Good. My earlier stubbornness was caused by a desire to allow static
initializers, but now I see that specifying the values in the
registration call really isn't all that bad.
So far this work has all been based on the vanilla kernel. Should I
switch over to basing it on -mm?
What happens when there are two ptrace exceptions at different points
during the same system call? Won't we end up sending the signal twice
no matter what?
In theory we should get an exception with both DR_STEP and DR_TRAPn
set, meaning that neither notifier will return NOTIFY_STOP. But if the
kprobes handler clears DR_STEP in the DR6 image passed to the
hw_breakpoint handler, it should work out better.

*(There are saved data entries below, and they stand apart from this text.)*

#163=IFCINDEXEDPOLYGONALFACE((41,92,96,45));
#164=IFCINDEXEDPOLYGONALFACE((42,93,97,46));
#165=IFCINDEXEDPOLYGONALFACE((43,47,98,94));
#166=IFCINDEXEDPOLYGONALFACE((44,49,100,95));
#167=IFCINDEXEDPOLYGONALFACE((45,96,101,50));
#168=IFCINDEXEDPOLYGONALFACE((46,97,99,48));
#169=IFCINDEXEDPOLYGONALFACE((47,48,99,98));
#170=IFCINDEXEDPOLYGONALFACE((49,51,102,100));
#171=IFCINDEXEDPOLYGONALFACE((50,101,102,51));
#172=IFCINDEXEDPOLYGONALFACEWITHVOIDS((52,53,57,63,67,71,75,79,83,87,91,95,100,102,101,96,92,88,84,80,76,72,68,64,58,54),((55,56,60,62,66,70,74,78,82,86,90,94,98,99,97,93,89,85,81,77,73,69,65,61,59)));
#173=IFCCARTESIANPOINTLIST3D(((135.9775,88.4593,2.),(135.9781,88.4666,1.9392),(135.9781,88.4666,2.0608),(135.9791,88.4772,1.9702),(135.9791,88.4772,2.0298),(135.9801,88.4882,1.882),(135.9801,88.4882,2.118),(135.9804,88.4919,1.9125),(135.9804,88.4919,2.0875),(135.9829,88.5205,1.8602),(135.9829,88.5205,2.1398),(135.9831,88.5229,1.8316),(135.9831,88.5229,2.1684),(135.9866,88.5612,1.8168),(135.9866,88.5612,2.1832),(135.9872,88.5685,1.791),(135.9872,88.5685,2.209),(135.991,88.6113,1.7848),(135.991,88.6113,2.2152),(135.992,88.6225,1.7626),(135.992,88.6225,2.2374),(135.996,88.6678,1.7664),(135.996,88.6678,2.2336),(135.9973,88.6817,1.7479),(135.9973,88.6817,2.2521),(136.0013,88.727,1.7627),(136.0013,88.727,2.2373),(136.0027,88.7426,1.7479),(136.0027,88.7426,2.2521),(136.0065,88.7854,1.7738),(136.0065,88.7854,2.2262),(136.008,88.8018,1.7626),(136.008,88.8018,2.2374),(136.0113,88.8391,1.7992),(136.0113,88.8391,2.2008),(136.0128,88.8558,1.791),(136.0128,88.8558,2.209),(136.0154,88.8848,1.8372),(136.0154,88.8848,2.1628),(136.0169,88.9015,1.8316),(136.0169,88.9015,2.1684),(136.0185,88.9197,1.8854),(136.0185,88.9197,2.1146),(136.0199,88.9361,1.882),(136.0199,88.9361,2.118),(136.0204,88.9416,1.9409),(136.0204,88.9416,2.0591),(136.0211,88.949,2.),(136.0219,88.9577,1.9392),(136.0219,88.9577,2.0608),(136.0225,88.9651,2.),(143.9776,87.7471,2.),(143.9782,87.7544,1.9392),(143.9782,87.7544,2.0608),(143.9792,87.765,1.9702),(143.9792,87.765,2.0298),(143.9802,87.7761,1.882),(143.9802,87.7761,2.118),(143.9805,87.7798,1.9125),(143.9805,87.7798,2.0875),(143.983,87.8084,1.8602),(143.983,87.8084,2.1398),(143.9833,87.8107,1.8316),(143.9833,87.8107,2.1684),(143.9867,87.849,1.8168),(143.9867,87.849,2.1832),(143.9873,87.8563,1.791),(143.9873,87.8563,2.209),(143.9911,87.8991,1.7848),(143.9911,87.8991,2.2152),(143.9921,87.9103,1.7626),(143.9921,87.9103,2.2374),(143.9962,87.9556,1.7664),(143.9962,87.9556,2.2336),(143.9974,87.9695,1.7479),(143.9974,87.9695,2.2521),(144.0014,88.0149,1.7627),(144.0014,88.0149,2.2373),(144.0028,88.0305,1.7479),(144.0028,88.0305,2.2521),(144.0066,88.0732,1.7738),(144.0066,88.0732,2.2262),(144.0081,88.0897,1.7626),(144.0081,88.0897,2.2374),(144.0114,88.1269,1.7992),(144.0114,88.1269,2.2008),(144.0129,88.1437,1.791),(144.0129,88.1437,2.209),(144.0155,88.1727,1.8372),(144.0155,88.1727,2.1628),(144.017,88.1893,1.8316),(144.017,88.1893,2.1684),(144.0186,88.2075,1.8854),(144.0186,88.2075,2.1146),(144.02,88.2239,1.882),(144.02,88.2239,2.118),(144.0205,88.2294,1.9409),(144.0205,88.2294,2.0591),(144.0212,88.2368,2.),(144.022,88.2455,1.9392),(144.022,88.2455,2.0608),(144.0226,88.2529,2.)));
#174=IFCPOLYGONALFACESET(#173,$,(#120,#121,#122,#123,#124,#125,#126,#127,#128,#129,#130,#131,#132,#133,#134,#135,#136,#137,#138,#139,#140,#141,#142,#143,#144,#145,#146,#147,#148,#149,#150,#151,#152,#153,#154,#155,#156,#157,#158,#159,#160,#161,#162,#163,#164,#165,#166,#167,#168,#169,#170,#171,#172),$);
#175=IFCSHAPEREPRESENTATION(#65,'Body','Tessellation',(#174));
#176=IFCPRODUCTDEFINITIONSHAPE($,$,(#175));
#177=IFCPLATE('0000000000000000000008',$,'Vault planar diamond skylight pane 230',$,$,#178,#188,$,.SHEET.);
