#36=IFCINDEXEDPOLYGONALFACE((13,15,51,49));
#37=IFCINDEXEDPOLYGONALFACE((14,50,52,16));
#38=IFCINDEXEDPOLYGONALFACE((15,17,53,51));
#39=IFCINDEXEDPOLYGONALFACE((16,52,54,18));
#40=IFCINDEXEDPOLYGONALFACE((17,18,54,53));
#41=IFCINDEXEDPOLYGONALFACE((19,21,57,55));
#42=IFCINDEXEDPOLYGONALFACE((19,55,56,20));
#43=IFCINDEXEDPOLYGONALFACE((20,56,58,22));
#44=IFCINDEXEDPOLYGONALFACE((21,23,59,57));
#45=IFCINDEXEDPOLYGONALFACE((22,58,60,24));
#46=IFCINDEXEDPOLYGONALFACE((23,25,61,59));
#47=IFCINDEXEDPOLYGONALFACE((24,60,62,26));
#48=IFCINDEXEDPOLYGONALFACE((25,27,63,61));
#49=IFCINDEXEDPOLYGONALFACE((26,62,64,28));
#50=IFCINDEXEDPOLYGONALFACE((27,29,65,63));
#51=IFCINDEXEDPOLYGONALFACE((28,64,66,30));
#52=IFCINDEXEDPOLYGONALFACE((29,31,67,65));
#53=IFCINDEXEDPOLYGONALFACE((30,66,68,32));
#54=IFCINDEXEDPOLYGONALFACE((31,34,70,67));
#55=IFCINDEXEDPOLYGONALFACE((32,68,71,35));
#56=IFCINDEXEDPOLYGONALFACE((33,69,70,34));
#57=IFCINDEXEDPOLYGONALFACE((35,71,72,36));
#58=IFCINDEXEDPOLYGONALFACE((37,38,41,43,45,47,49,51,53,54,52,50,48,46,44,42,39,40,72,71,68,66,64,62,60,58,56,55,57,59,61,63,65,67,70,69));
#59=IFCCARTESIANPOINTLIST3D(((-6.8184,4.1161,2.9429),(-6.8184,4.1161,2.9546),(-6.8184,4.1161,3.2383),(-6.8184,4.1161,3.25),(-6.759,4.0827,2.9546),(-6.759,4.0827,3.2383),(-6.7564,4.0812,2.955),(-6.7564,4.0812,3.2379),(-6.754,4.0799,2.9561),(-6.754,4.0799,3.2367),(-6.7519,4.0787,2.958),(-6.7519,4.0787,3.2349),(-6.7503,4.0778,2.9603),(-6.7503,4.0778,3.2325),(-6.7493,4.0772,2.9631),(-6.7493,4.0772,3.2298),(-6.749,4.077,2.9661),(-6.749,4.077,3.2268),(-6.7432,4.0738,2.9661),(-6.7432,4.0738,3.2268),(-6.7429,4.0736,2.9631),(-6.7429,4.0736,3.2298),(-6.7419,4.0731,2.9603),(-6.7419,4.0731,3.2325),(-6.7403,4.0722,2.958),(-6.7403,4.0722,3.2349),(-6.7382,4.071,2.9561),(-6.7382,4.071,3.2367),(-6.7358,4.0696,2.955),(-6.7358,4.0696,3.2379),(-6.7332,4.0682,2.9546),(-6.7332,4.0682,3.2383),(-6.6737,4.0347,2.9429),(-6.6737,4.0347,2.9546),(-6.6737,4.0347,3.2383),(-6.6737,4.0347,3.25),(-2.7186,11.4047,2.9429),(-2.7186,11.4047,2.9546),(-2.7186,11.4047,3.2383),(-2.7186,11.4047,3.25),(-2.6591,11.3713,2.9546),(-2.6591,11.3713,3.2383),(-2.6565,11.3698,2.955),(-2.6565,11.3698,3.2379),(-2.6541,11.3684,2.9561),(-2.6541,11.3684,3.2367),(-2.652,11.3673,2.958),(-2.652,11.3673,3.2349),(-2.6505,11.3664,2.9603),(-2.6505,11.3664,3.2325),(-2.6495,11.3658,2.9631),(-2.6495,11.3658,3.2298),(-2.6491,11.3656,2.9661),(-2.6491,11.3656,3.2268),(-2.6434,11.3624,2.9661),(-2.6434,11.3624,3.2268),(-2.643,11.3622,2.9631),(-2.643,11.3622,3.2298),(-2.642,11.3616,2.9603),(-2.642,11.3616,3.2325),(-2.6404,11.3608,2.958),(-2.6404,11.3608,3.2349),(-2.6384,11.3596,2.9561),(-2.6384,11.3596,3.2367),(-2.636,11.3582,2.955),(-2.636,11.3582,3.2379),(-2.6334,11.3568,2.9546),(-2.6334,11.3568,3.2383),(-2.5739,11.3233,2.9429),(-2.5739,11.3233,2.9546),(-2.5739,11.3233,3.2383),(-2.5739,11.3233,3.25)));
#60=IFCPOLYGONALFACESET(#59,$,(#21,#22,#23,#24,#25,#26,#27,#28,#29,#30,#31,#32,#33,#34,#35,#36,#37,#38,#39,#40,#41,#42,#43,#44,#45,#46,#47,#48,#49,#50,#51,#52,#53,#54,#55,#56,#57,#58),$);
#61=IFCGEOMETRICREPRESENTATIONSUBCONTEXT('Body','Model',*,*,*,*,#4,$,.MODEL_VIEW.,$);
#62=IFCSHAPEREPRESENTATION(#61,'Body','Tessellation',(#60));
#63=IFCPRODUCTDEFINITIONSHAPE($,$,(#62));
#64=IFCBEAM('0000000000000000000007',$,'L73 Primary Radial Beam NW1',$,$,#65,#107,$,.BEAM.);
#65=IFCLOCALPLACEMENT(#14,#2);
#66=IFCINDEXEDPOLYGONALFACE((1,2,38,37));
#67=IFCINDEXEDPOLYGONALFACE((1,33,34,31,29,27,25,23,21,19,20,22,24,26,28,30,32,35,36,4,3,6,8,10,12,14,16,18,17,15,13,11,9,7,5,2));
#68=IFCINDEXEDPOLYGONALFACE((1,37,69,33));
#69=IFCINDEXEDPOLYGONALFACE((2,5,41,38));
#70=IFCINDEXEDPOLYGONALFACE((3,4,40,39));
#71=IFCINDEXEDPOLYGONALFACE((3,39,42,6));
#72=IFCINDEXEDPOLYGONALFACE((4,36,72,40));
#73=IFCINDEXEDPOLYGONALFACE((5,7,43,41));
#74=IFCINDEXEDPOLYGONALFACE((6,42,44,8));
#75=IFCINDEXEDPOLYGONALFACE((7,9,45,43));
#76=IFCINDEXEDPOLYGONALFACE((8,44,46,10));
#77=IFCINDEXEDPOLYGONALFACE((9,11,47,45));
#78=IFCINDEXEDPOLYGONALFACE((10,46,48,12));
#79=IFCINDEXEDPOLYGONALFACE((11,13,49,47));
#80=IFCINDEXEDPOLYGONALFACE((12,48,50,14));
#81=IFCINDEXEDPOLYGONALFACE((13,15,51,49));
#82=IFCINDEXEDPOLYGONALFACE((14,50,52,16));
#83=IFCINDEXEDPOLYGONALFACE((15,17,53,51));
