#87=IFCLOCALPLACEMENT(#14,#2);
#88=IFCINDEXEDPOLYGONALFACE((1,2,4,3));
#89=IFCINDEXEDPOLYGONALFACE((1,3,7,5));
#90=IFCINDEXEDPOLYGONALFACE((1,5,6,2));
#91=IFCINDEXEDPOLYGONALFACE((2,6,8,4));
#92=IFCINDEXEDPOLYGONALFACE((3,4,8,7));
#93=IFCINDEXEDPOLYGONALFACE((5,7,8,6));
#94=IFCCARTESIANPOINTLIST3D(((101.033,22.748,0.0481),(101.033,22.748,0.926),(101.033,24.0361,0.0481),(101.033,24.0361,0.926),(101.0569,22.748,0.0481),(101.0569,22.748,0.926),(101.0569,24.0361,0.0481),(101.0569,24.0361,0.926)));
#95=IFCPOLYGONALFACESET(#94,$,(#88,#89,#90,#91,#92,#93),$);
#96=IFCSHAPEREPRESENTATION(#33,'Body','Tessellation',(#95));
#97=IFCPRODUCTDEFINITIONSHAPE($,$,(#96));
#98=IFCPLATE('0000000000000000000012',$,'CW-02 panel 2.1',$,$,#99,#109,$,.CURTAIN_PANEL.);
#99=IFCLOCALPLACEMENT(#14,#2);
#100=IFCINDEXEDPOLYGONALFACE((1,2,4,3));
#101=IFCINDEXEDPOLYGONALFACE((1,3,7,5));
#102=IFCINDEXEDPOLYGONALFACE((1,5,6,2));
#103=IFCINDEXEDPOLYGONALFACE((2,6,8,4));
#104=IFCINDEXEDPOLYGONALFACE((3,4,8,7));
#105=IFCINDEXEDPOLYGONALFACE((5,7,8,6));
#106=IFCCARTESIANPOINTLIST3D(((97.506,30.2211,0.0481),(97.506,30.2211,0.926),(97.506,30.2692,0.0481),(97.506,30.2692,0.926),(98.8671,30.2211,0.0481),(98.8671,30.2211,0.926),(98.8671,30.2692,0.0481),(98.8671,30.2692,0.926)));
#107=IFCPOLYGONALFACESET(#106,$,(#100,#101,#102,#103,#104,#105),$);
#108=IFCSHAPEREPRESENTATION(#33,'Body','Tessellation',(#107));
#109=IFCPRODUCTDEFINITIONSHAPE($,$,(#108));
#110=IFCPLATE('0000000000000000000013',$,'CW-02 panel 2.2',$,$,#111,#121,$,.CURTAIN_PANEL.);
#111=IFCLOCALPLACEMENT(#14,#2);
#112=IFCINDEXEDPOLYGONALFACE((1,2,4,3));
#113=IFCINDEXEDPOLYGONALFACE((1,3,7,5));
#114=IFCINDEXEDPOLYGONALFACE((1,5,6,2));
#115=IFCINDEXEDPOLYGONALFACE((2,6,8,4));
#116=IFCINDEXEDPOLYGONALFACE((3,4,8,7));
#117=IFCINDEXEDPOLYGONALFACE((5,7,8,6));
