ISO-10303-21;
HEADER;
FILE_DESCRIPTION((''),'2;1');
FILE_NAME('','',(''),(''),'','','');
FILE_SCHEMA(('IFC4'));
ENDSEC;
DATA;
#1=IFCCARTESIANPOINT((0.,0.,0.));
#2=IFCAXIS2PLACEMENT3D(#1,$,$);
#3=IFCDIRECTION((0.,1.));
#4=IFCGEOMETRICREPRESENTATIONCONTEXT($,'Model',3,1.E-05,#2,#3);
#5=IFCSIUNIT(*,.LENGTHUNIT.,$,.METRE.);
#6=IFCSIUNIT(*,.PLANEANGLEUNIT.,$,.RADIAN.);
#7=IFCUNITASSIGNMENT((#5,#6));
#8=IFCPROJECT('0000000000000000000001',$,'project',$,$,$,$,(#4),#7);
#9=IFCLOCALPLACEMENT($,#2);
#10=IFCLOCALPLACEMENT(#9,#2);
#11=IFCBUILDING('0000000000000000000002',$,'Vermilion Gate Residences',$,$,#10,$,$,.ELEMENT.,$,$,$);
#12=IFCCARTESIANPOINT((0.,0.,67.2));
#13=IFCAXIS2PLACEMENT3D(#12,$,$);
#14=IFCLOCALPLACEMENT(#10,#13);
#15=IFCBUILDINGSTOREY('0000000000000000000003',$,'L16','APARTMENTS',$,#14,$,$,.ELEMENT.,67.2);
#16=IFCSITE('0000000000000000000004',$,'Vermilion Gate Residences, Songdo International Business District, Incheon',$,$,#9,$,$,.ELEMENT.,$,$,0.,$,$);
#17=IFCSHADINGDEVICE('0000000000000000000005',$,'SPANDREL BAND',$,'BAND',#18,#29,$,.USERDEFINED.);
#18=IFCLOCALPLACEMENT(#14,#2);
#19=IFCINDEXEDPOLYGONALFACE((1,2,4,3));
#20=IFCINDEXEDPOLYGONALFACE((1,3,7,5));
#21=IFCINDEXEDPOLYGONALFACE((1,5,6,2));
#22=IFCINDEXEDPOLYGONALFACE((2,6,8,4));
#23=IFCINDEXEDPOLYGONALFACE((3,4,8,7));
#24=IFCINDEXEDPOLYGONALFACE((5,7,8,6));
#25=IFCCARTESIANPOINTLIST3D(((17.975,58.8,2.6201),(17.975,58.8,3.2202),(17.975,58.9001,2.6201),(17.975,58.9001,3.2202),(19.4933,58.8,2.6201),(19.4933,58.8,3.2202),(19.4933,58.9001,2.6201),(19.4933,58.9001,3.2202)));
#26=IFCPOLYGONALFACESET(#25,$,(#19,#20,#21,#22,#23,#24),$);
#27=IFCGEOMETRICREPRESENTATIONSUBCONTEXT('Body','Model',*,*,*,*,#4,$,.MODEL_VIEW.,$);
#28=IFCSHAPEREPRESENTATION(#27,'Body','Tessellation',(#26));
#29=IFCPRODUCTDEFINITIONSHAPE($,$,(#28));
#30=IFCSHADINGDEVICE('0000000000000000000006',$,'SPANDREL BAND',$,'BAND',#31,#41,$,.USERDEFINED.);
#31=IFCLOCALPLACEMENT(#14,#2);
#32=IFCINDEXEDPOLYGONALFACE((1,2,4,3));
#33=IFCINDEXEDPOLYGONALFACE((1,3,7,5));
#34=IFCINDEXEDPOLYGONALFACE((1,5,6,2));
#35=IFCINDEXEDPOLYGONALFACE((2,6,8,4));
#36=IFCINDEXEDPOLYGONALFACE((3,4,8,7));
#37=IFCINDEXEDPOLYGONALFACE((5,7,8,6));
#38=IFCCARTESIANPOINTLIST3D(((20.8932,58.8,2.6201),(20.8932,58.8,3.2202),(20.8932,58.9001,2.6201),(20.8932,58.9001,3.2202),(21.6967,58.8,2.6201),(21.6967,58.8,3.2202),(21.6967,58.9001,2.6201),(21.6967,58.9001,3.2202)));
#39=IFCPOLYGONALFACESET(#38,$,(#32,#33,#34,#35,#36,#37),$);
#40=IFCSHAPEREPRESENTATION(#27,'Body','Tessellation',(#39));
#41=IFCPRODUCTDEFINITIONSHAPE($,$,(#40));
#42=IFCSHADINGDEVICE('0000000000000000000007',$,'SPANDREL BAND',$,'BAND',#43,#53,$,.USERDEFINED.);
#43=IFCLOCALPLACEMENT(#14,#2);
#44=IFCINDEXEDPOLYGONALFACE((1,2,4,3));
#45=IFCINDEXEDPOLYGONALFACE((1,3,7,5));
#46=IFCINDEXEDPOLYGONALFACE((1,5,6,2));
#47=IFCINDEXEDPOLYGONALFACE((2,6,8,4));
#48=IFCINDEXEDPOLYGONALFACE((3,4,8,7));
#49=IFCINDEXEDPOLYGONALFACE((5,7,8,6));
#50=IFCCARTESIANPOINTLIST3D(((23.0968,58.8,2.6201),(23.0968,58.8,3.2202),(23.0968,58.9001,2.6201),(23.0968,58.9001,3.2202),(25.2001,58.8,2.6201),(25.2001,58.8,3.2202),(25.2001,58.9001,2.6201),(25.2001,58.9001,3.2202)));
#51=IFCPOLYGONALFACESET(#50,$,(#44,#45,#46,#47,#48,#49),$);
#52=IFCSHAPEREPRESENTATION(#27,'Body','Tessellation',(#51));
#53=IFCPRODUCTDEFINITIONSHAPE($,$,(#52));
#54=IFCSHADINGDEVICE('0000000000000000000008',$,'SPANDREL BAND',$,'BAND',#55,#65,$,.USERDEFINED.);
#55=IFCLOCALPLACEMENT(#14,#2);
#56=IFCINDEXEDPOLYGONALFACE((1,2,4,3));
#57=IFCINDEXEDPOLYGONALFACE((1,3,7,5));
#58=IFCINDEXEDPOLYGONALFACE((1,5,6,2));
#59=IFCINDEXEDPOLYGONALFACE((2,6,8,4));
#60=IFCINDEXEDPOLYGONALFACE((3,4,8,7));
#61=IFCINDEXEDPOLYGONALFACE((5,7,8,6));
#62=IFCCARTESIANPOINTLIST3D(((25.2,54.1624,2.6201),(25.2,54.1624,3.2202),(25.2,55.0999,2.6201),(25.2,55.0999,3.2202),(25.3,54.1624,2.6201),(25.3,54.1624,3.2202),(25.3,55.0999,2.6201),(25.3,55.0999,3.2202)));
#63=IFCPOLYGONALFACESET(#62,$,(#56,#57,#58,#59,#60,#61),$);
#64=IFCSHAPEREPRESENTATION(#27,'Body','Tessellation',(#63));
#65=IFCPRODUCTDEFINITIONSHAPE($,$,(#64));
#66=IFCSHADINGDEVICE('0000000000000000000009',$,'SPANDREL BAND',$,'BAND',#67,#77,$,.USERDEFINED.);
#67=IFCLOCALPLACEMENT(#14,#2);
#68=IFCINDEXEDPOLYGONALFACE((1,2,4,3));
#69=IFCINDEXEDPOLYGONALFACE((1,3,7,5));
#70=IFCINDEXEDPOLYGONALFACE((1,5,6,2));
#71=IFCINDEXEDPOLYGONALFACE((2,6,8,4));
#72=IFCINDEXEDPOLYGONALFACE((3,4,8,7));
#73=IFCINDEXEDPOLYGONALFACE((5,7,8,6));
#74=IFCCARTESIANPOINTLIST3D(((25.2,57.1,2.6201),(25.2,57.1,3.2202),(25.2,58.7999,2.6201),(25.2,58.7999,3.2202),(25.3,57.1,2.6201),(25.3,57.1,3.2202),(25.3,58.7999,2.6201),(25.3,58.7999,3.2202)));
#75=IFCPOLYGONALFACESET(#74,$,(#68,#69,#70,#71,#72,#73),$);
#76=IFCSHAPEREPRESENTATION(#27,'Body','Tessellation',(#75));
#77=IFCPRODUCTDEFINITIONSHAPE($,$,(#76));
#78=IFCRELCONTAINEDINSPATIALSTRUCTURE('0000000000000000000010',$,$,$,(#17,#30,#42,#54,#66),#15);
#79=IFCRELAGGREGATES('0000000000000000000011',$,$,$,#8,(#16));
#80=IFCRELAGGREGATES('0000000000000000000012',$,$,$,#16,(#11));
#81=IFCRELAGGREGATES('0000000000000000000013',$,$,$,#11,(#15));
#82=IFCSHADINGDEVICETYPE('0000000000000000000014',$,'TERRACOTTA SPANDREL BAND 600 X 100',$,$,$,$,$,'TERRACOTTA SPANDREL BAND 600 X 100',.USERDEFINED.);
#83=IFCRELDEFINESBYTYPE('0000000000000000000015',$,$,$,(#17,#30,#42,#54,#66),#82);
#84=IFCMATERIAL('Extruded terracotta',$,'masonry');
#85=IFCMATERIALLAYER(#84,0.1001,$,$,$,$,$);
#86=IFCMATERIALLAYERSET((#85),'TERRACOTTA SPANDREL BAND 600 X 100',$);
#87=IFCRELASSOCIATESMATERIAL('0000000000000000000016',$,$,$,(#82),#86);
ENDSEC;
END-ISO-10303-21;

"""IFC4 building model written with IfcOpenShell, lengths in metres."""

from ifc_helpers import new_model, si_unit, direction, frame, origin, origin_2d, place, context, subcontext, project, spatial, rectangle, extrude, material, layer, layer_set, type_object, element, save


model = new_model("IFC4")

# Units and contexts
model_context = context("Model", 3, precision=1e-05, world=origin(), true_north=direction((0.0, 1.0)))
body_context = subcontext(model_context, "Body", "Model", "MODEL_VIEW")
ifc_project = project(units=[si_unit("LENGTHUNIT", "METRE"), si_unit("PLANEANGLEUNIT", "RADIAN")], contexts=[model_context])

# Site, building, storey
site_placement = place(None, origin())
site = spatial("IfcSite", under=ifc_project, at=site_placement, Name="Vermilion Gate Residences, Songdo International Business District, Incheon", CompositionType="ELEMENT", RefElevation=0.0)
building_placement = place(site_placement, origin())
building = spatial("IfcBuilding", under=site, at=building_placement, Name="Vermilion Gate Residences", CompositionType="ELEMENT")
storey_placement = place(building_placement, frame((0.0, 0.0, 67.2)))
storey = spatial("IfcBuildingStorey", under=building, at=storey_placement, Name="L16", Description="APARTMENTS", CompositionType="ELEMENT", Elevation=67.2)

# Shading devices
ifc_material_1 = material(Name="Extruded terracotta", Category="masonry")
ifc_layer_1 = layer(ifc_material_1, 0.1001)
ifc_layer_set_1 = layer_set([ifc_layer_1], Name="TERRACOTTA SPANDREL BAND 600 X 100")
shading_device_type = type_object("IfcShadingDeviceType", Name="TERRACOTTA SPANDREL BAND 600 X 100", ElementType="TERRACOTTA SPANDREL BAND 600 X 100", PredefinedType="USERDEFINED", material=ifc_layer_set_1)
shading_device_1_placement = place(storey_placement, frame((18.7341, 58.8501, 2.6201), z_axis=(0.0, 0.0, 1.0), x_axis=(1.0, 0.0, 0.0)))
element("IfcShadingDevice", 1, at=shading_device_1_placement, inside=storey, type_object=shading_device_type, Name="SPANDREL BAND", ObjectType="BAND", PredefinedType="USERDEFINED", context=body_context, shape_type="SweptSolid", body=[
    extrude(rectangle(XDim=1.5183, YDim=0.1001, at=origin_2d()), origin(), (0.0, 0.0, 1.0), 0.6001),
])
shading_device_2_placement = place(storey_placement, frame((21.2949, 58.8501, 2.6201), z_axis=(0.0, 0.0, 1.0), x_axis=(1.0, 0.0, 0.0)))
element("IfcShadingDevice", 2, at=shading_device_2_placement, inside=storey, type_object=shading_device_type, Name="SPANDREL BAND", ObjectType="BAND", PredefinedType="USERDEFINED", context=body_context, shape_type="SweptSolid", body=[
    extrude(rectangle(XDim=0.8035, YDim=0.1001, at=origin_2d()), origin(), (0.0, 0.0, 1.0), 0.6001),
])
shading_device_3_placement = place(storey_placement, frame((24.1484, 58.8501, 2.6201), z_axis=(0.0, 0.0, 1.0), x_axis=(1.0, 0.0, 0.0)))
element("IfcShadingDevice", 3, at=shading_device_3_placement, inside=storey, type_object=shading_device_type, Name="SPANDREL BAND", ObjectType="BAND", PredefinedType="USERDEFINED", context=body_context, shape_type="SweptSolid", body=[
    extrude(rectangle(XDim=2.1033, YDim=0.1001, at=origin_2d()), origin(), (0.0, 0.0, 1.0), 0.6001),
])
shading_device_4_placement = place(storey_placement, frame((25.25, 54.6311, 2.6201), z_axis=(0.0, 0.0, 1.0), x_axis=(0.0, 1.0, 0.0)))
element("IfcShadingDevice", 4, at=shading_device_4_placement, inside=storey, type_object=shading_device_type, Name="SPANDREL BAND", ObjectType="BAND", PredefinedType="USERDEFINED", context=body_context, shape_type="SweptSolid", body=[
    extrude(rectangle(XDim=0.9375, YDim=0.1001, at=origin_2d()), origin(), (0.0, 0.0, 1.0), 0.6001),
])
shading_device_5_placement = place(storey_placement, frame((25.25, 57.95, 2.6201), z_axis=(0.0, 0.0, 1.0), x_axis=(0.0, 1.0, 0.0)))
element("IfcShadingDevice", 5, at=shading_device_5_placement, inside=storey, type_object=shading_device_type, Name="SPANDREL BAND", ObjectType="BAND", PredefinedType="USERDEFINED", context=body_context, shape_type="SweptSolid", body=[
    extrude(rectangle(XDim=1.7, YDim=0.1001, at=origin_2d()), origin(), (0.0, 0.0, 1.0), 0.6001),
])

save(model, "model.ifc")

That sounds not quite right. To a user-space debugger, a system call
should appear as an atomic operation. If multiple ptrace exceptions
occur during a system call, all the relevant DR_TRAPn bits should be
set in vdr6 together and all the other ones reset. How can we arrange
that?
There's also the question of whether to send the SIGTRAP. If
extraneous bits are set in DR6 (e.g., because the CPU always sets some
extra bits) then we will never get NOTIFY_STOP. Nevertheless, the
signal should not always be sent.
I disagree. kfree() is documented to return harmlessly when passed a
NULL pointer, and lots of places in the kernel have been changed to
remove useless tests for NULL before calls to kfree(). This is just
another example.
I figured there was some reason like that.